NZARP have good ability to cater for Erebus work using VXE-6 helicopters and Grizzly toboggans, but there was a reluctance to prove it this season. Both our field time and observation/analysis time were squeezed, and almost prevented pictures being transmitted at all. The attitude at Scott Base contrasted strangely with that at McMurdo in 1984/5 when I was with USARP, driving skidoos and firing large seismic explosions all over Erebus. At McMurdo, the base administrators and personnel have as much Antarctic experience as the scientists. Perhaps there should be a Science Rep at Scott Base similar to the NSF Rep.
Concerning 'special' areas, I observed that US scientists had freer access to these than NZ scientists.
The inclusion of Prof. Kaminuma and Mr. Miura in my event was successful, and I think essential. They provided the LPH geophone and Infrared thermometer for IMEEMS, operated them, and produced the data. They continued to provide the clock and recorders, and the recording materials as for IMESS. The NIPR budget for research in the McMurdo regions is about NZ$50,000 per year, excluding salaries, and greatly assists IMEEMS. However international cooperation has its problems! The boundary between scientist/scientist arrangements and institution/institution ones is murky, and scientist/foreign administration contact is not even-handed. NZ administrators and OIC'S like foreign scientists to communicate directly with them, but discourage NZ scientists from communicating directly with foreign administrators. I still wonder why Dr. Wilkness ordered the NSF equipment out of Scott Base and so dismantled IMEEMS. Perhaps scientists should write directly, but send the letters via the Director of Antarctic Division. Replies should come back the same way.
There needs to be a distinction between a guest foreign scientist who brings expertise and existing equipment, but no money, and one who brings foreign funds. It was NIPR who agreed to support IMEEMS, and Prof. Kaminuma rightly had an independent role. It was unworkable for me to assume full responsibility for him as guest foreign scientist.
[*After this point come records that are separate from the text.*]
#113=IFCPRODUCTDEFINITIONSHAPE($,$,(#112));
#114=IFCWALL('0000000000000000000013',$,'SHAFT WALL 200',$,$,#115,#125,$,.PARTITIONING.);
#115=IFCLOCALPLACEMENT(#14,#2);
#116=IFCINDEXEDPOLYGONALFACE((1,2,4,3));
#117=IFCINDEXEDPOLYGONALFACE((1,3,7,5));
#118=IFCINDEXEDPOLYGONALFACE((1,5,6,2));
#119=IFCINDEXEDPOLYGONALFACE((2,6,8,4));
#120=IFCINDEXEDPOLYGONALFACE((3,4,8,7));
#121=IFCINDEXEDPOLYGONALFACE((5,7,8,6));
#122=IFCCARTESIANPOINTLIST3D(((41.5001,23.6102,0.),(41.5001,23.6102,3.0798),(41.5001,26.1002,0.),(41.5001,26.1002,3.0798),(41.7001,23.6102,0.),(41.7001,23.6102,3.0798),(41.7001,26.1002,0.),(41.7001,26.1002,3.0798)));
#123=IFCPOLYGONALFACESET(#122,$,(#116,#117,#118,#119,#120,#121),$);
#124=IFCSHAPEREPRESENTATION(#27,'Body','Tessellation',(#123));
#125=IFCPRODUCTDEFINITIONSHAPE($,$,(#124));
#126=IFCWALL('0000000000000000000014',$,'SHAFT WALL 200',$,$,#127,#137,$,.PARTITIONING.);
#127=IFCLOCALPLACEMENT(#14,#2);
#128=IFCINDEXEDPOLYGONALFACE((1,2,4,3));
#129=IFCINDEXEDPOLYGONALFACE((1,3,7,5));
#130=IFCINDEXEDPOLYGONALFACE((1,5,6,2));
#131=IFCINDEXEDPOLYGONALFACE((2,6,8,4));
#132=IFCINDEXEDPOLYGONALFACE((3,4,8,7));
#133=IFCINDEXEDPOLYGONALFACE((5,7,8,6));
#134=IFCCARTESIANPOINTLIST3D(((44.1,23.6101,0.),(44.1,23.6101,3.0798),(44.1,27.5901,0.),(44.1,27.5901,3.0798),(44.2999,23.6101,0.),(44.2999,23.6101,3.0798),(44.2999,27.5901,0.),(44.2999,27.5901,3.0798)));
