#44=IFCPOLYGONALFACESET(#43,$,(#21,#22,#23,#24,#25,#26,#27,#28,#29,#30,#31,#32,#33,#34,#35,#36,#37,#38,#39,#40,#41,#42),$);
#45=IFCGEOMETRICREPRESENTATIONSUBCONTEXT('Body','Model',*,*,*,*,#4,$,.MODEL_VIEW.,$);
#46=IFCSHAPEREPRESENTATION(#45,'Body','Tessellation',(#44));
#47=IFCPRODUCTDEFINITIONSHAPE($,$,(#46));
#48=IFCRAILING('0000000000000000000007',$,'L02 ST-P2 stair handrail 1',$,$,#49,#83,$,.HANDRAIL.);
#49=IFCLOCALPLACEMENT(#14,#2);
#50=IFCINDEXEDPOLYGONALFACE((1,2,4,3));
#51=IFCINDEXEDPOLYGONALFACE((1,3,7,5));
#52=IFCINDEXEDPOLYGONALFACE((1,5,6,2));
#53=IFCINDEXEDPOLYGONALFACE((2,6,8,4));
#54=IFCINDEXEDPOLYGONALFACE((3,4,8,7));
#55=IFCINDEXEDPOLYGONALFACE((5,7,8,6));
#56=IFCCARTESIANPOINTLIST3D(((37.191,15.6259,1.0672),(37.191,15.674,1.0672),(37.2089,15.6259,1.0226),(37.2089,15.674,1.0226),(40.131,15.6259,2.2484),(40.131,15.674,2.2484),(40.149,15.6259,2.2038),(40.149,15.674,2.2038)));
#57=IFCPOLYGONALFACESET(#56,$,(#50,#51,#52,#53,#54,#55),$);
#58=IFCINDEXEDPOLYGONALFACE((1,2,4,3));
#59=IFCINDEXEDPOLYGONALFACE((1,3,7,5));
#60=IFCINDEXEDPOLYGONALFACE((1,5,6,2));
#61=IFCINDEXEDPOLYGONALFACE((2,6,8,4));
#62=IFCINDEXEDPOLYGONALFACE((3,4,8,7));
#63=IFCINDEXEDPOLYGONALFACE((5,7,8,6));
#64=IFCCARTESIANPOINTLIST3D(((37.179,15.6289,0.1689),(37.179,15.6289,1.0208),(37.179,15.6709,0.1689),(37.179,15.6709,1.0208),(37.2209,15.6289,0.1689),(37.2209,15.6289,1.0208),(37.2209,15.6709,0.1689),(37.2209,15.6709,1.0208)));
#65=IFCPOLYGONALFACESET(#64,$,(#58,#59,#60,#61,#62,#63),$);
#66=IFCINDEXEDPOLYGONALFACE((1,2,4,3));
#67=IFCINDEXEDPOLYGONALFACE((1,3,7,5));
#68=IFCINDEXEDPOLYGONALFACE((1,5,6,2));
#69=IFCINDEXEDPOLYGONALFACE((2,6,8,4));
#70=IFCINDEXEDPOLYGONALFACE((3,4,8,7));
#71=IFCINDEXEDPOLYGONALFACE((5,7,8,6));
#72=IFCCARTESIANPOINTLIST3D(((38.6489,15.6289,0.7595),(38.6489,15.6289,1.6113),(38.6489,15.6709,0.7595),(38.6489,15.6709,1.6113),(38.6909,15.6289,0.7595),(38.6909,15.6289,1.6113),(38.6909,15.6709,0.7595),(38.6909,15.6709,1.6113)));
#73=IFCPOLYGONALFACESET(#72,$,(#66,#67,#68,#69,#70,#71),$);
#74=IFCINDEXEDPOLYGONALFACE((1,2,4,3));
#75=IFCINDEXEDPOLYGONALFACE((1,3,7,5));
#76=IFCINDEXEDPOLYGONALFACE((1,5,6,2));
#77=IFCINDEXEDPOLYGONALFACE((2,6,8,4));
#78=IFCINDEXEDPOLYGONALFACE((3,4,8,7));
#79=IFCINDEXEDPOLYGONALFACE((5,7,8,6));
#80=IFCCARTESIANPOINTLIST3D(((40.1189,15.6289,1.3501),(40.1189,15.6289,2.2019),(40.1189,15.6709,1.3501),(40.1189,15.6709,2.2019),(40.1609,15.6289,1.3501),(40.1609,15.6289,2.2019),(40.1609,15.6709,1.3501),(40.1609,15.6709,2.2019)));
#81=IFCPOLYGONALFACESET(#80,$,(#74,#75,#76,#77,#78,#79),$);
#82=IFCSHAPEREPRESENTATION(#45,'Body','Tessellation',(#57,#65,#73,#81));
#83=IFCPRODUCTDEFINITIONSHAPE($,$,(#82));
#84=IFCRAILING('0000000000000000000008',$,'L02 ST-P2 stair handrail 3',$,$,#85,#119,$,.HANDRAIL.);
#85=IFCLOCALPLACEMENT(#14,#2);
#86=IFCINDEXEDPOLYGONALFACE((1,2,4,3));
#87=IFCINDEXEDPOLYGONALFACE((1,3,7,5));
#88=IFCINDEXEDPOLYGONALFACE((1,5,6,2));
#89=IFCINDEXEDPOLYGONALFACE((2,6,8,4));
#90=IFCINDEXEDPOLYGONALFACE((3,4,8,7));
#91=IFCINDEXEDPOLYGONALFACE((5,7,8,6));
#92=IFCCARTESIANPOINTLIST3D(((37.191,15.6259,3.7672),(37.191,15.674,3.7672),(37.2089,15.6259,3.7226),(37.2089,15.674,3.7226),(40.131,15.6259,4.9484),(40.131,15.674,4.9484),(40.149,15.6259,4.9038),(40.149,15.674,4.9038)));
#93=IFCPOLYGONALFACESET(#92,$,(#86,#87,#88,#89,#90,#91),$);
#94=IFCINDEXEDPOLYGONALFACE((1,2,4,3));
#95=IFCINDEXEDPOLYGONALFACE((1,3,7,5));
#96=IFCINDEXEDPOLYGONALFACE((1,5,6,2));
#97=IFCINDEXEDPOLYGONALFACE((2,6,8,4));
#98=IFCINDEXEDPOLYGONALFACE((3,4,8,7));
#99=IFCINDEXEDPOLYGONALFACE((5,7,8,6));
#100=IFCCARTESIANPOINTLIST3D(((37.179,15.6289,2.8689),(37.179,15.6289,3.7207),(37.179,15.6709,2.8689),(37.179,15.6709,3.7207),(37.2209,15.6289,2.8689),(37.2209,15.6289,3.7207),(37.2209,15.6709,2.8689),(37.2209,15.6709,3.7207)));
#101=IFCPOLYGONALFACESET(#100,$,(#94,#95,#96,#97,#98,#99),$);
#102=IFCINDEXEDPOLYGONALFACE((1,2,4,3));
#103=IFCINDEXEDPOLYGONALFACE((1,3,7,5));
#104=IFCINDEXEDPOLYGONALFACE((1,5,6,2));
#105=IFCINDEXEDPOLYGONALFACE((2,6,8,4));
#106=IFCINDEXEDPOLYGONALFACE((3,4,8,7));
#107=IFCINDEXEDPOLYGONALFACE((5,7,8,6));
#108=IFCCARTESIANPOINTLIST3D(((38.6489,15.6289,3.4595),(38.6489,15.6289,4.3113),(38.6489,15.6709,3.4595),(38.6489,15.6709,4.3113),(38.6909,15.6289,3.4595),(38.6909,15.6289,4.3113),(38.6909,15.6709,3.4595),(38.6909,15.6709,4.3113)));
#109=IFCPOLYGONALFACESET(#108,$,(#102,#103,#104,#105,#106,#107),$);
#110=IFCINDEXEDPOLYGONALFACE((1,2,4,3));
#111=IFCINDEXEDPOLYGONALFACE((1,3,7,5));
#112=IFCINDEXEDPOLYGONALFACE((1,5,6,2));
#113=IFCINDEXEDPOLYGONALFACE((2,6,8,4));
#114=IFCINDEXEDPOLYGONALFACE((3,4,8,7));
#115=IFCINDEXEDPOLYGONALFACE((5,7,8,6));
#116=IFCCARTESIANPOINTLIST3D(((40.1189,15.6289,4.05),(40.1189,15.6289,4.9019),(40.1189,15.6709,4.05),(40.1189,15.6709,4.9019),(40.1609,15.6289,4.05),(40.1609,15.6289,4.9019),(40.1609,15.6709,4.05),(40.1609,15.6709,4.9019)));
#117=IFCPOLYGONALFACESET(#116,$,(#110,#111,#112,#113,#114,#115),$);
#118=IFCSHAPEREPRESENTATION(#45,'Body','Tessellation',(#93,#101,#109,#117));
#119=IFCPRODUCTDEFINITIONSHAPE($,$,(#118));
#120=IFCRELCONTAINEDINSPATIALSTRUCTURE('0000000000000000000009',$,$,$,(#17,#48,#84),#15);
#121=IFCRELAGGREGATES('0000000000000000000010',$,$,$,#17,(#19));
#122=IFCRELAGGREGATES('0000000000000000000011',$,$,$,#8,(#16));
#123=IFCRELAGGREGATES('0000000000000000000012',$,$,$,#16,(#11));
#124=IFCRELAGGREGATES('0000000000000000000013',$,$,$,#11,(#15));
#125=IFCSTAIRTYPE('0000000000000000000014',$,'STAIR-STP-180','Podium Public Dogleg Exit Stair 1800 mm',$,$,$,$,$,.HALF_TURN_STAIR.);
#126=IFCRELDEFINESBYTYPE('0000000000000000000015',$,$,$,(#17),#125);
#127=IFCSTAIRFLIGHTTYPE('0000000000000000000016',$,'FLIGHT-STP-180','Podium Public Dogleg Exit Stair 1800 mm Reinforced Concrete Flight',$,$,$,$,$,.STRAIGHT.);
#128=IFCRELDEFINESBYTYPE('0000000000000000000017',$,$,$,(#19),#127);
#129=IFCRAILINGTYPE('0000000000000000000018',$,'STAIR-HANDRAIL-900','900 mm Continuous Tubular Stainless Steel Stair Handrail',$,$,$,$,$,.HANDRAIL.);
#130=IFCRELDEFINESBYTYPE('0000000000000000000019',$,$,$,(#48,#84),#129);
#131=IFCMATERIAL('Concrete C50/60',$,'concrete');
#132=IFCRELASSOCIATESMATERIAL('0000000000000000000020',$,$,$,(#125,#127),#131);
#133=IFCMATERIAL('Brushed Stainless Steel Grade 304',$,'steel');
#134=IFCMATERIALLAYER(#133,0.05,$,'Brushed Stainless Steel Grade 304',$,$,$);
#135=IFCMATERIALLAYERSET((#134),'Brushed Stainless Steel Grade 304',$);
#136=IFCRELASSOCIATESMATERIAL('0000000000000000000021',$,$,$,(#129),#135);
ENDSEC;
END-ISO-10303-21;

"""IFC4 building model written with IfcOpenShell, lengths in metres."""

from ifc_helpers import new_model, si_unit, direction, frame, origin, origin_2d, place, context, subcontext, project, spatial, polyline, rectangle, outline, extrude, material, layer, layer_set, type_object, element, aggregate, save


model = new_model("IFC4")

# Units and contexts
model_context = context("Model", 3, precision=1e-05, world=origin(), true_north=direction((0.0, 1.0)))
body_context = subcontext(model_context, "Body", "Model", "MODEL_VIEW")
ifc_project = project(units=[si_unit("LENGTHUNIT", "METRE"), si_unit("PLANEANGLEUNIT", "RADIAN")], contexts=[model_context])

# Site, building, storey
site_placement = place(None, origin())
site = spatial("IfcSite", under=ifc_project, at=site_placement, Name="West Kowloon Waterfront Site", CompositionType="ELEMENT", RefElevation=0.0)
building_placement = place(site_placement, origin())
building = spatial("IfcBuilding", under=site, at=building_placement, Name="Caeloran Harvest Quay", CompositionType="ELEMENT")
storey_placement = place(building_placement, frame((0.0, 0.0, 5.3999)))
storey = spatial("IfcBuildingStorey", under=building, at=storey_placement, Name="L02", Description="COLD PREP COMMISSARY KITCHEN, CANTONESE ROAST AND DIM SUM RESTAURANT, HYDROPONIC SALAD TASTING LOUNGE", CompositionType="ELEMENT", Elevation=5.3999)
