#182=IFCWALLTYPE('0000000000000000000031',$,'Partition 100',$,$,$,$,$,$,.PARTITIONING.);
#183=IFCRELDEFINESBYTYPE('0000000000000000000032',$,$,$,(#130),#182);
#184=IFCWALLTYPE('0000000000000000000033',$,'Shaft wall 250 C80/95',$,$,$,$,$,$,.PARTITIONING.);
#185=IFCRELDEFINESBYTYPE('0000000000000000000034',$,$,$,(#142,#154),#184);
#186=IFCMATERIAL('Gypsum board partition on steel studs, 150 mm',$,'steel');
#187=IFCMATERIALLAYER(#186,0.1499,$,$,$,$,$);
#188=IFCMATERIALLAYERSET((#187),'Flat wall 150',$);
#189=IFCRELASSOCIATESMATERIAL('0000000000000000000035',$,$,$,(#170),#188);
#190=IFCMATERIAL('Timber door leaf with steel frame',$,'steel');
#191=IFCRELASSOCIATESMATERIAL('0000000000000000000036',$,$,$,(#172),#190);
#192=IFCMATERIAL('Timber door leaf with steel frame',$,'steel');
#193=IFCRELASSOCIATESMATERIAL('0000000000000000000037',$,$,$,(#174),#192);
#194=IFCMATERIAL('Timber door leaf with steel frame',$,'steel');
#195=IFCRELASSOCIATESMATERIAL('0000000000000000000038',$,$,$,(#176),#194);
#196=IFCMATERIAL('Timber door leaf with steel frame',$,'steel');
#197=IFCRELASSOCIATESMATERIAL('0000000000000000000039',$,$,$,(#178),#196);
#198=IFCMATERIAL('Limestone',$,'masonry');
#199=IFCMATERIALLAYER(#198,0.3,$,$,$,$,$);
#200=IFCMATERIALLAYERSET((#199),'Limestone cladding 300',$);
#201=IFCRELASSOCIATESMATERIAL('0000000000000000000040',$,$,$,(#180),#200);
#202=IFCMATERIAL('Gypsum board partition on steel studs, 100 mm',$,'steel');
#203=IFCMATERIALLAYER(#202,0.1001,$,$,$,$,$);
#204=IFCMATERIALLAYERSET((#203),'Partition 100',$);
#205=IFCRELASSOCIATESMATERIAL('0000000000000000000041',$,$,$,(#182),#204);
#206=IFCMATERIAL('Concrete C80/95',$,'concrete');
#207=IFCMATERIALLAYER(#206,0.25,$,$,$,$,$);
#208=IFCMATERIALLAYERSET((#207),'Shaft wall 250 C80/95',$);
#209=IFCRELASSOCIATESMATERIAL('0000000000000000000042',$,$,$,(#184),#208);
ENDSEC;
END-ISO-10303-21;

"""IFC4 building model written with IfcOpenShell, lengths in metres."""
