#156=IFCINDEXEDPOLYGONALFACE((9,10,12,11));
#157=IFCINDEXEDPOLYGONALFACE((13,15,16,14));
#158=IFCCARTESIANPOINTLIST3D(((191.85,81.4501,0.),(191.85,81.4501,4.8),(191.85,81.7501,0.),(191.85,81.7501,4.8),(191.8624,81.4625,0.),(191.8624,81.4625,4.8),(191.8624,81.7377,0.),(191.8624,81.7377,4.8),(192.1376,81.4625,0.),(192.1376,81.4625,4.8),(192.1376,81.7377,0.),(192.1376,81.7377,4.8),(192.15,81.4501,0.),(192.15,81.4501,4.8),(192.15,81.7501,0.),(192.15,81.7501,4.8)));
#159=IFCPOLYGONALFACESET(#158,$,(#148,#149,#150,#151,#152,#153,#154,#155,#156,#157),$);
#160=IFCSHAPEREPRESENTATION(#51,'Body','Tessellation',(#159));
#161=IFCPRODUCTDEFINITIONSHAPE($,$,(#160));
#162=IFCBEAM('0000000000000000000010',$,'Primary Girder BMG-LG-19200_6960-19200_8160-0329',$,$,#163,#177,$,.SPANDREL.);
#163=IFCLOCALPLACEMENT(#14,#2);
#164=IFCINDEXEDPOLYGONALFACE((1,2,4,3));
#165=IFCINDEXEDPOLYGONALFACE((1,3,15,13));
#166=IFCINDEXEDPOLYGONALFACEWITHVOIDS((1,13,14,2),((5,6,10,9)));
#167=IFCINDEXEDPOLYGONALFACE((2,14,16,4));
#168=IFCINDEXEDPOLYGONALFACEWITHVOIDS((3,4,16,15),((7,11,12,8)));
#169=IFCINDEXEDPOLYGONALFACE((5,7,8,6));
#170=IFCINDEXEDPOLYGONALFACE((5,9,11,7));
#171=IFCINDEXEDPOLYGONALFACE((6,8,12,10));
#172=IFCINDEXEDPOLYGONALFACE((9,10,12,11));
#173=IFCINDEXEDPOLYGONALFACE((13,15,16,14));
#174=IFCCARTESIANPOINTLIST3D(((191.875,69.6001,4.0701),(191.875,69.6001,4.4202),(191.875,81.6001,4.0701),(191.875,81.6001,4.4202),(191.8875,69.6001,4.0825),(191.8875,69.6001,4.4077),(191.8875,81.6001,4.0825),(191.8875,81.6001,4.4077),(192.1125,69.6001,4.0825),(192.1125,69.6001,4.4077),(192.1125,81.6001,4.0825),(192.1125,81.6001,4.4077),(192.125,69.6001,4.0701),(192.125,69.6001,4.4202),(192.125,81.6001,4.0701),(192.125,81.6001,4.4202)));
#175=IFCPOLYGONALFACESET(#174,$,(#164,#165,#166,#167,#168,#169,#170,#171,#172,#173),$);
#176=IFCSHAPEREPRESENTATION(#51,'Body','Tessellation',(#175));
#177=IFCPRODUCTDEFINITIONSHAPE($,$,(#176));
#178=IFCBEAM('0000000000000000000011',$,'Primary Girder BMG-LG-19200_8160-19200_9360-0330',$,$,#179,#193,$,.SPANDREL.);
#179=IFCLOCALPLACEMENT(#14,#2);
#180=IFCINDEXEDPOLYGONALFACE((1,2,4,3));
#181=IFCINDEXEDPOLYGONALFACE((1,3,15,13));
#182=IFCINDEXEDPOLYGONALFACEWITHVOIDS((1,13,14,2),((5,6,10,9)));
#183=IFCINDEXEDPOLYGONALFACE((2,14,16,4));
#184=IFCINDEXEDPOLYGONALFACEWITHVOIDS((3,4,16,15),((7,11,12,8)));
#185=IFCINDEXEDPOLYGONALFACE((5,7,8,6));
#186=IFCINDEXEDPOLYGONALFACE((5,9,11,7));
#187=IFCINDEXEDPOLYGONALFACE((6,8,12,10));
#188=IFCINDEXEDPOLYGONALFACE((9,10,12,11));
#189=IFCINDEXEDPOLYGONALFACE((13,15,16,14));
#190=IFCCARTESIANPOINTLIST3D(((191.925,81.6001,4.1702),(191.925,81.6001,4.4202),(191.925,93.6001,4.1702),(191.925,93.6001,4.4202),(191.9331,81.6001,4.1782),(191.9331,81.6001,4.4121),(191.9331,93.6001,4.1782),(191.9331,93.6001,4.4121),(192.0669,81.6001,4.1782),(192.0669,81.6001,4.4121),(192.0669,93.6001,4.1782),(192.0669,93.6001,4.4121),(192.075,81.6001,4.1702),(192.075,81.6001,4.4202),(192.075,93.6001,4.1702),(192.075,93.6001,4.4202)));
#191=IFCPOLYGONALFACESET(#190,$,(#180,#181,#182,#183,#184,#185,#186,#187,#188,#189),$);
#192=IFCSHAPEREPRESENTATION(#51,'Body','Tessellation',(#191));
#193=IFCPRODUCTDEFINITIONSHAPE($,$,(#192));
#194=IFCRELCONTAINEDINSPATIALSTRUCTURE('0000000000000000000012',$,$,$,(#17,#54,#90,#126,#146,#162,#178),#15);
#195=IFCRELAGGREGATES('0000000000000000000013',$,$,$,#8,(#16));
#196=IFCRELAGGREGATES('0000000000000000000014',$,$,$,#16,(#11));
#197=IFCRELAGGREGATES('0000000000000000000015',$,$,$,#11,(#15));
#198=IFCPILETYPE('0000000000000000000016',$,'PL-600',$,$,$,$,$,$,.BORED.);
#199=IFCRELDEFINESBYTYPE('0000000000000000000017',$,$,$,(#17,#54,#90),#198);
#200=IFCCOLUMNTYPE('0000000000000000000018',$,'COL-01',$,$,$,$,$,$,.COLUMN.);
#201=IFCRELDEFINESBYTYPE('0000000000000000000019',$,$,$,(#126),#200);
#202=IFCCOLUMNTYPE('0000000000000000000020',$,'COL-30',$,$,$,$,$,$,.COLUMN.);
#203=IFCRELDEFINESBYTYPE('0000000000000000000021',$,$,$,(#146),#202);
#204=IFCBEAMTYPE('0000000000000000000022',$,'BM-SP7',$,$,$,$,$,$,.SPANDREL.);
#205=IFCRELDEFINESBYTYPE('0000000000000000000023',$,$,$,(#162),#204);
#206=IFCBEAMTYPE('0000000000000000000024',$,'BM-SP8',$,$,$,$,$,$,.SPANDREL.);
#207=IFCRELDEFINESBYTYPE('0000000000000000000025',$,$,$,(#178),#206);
I wish to thank RDRC for approving, and UGC/VUW for funding my program, and NIPR for cooperating in it. I thank the Director of Antarctic Division, the OIC Scott Base and the NSF Rep at McMurdo for trying to avert the international calamity which overtook us, and VXE-6 for minimising the effect of the new altitude restriction on the Erebus programme. Most of all, I thank Dr. P.R. Kyle and Bill McIntosh for their help and positive attitude to getting the work done in spite of the new problems, and I sympathise with Bill that he was finally ordered to dismantle what we had all worked so hard to achieve.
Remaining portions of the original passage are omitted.